The reyza continued through the bedchamber and into a room that held a broad stone tub. I would’ve said it was white marble, but there was a dragonfly-wing iridescence to it that I’d never seen in Earth marble. Demon-marble? Water half-filled the tub and was likely the source of a faint rotten egg smell.
“Time is of the essence,” the demon growled. “You must be cleaned and prepared.” He reached for me, and I backpedaled to the wall, eyes widening.
“I can do it!” I gasped. “I can wash myself.”
His lip curled in a snarl. “You have three hundred heartbeats,” he said, flexing clawed hands. He settled into a crouch by the door, eyes never leaving me. “I am counting.”

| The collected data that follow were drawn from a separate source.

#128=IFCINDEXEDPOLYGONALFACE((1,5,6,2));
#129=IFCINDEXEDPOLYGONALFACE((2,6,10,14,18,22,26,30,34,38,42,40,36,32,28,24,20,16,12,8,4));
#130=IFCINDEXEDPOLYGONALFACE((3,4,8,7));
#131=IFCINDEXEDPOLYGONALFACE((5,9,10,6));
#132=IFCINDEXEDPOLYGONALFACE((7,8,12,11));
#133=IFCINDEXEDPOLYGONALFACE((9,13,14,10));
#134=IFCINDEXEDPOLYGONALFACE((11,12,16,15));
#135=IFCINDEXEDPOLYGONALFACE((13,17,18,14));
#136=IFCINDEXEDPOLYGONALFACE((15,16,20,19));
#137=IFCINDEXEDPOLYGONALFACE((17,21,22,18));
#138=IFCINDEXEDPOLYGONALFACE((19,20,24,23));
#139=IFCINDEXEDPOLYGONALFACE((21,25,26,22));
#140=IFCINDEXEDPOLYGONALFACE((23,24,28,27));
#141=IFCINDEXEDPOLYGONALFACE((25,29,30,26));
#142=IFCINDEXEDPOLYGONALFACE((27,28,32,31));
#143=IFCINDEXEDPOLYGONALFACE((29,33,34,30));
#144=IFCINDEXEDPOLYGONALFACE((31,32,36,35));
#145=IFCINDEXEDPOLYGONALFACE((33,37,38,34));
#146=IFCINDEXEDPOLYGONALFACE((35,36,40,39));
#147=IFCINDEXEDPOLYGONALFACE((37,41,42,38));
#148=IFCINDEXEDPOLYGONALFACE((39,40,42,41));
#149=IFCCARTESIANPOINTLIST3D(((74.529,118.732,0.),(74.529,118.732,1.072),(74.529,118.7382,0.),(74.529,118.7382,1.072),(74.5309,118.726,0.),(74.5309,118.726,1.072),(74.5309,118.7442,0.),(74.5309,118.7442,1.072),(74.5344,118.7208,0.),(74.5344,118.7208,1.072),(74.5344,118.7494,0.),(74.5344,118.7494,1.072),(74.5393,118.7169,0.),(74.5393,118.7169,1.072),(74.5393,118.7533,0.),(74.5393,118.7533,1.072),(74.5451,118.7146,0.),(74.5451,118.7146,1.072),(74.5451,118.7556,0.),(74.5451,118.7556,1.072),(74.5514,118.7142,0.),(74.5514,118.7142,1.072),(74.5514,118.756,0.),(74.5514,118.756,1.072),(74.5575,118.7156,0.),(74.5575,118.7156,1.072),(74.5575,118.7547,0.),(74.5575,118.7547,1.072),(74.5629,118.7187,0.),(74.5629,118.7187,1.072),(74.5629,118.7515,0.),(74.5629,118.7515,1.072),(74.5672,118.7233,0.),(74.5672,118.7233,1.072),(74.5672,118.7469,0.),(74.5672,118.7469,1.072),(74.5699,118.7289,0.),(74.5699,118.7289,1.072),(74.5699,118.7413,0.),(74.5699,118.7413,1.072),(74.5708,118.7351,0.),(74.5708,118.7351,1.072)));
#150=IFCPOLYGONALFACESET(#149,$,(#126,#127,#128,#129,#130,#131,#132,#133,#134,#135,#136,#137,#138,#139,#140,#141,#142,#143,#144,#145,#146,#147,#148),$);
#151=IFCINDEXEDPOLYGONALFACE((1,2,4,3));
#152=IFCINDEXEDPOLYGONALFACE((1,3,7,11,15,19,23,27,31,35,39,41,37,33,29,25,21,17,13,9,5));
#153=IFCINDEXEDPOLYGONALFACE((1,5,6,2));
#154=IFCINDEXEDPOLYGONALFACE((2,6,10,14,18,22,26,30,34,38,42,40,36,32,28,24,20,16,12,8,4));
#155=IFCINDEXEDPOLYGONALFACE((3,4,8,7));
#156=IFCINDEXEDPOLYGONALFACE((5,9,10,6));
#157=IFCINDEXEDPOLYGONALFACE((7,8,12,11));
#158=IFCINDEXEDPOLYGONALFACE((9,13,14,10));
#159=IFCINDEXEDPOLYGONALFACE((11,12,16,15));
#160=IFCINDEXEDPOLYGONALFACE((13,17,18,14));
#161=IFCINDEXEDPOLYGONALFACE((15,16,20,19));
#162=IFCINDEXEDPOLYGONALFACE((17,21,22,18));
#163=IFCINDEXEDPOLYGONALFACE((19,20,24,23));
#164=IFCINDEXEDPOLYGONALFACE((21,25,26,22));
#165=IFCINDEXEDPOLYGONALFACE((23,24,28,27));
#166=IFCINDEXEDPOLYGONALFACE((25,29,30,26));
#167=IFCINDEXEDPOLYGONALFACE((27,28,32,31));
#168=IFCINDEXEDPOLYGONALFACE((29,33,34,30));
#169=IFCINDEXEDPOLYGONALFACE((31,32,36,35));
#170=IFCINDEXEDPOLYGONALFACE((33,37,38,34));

I shucked my nasty clothes off, kicked them aside and slid into the tepid water. Yep. Sulphur. Much of the well water where I lived had the same odor. I kept a running count while I ducked under and scrubbed at my hair with my fingers. I didn’t see anything resembling soap, so I figured that the standard for how clean I needed to be was mostly Without Bits of Body Parts Clinging to Me.
I clambered out of the tub when my own count reached two-sixty and stood, naked, dripping and shivering, before the reyza. My own clothes and possessions were nowhere to be seen, and even though I had no desire to put any of them back on, it still bugged me.
The demon tossed me a towel. “Dry yourself.” I quickly complied. “And don this.” He passed me a garment—a black knee-length shift that turned out to be little more than a sack with neck and arm holes. No bra, no underwear. To say I felt exposed was an enormous understatement.
The demon snorted, rose from the crouch, gestured to the door. We headed back toward the summoning chamber. Scowling, I picked my way through the glass and debris in the corridors. It had been part of the ambience when I had shoes on, but now, barefoot, it was an up close and personal threat. I had no desire to entertain these motherfuckers with bloody feet and, miraculously, managed the walk without incident.
He opened a door in the corridor near the summoning chamber and waited for me to enter.
I paused in the doorway as an odd feeling of déjà vu swam over me. I’d been in that room before, it told me, dozens of times. In ghostly fragments, I smelled the clean ozone scent of a freshly activated portal, heard snatches of conversation both in demon and what sounded like Italian, felt shivers of excitement, trepidation, and wonder.
A shove in the center of my back dispelled the sensation and reminded me to move.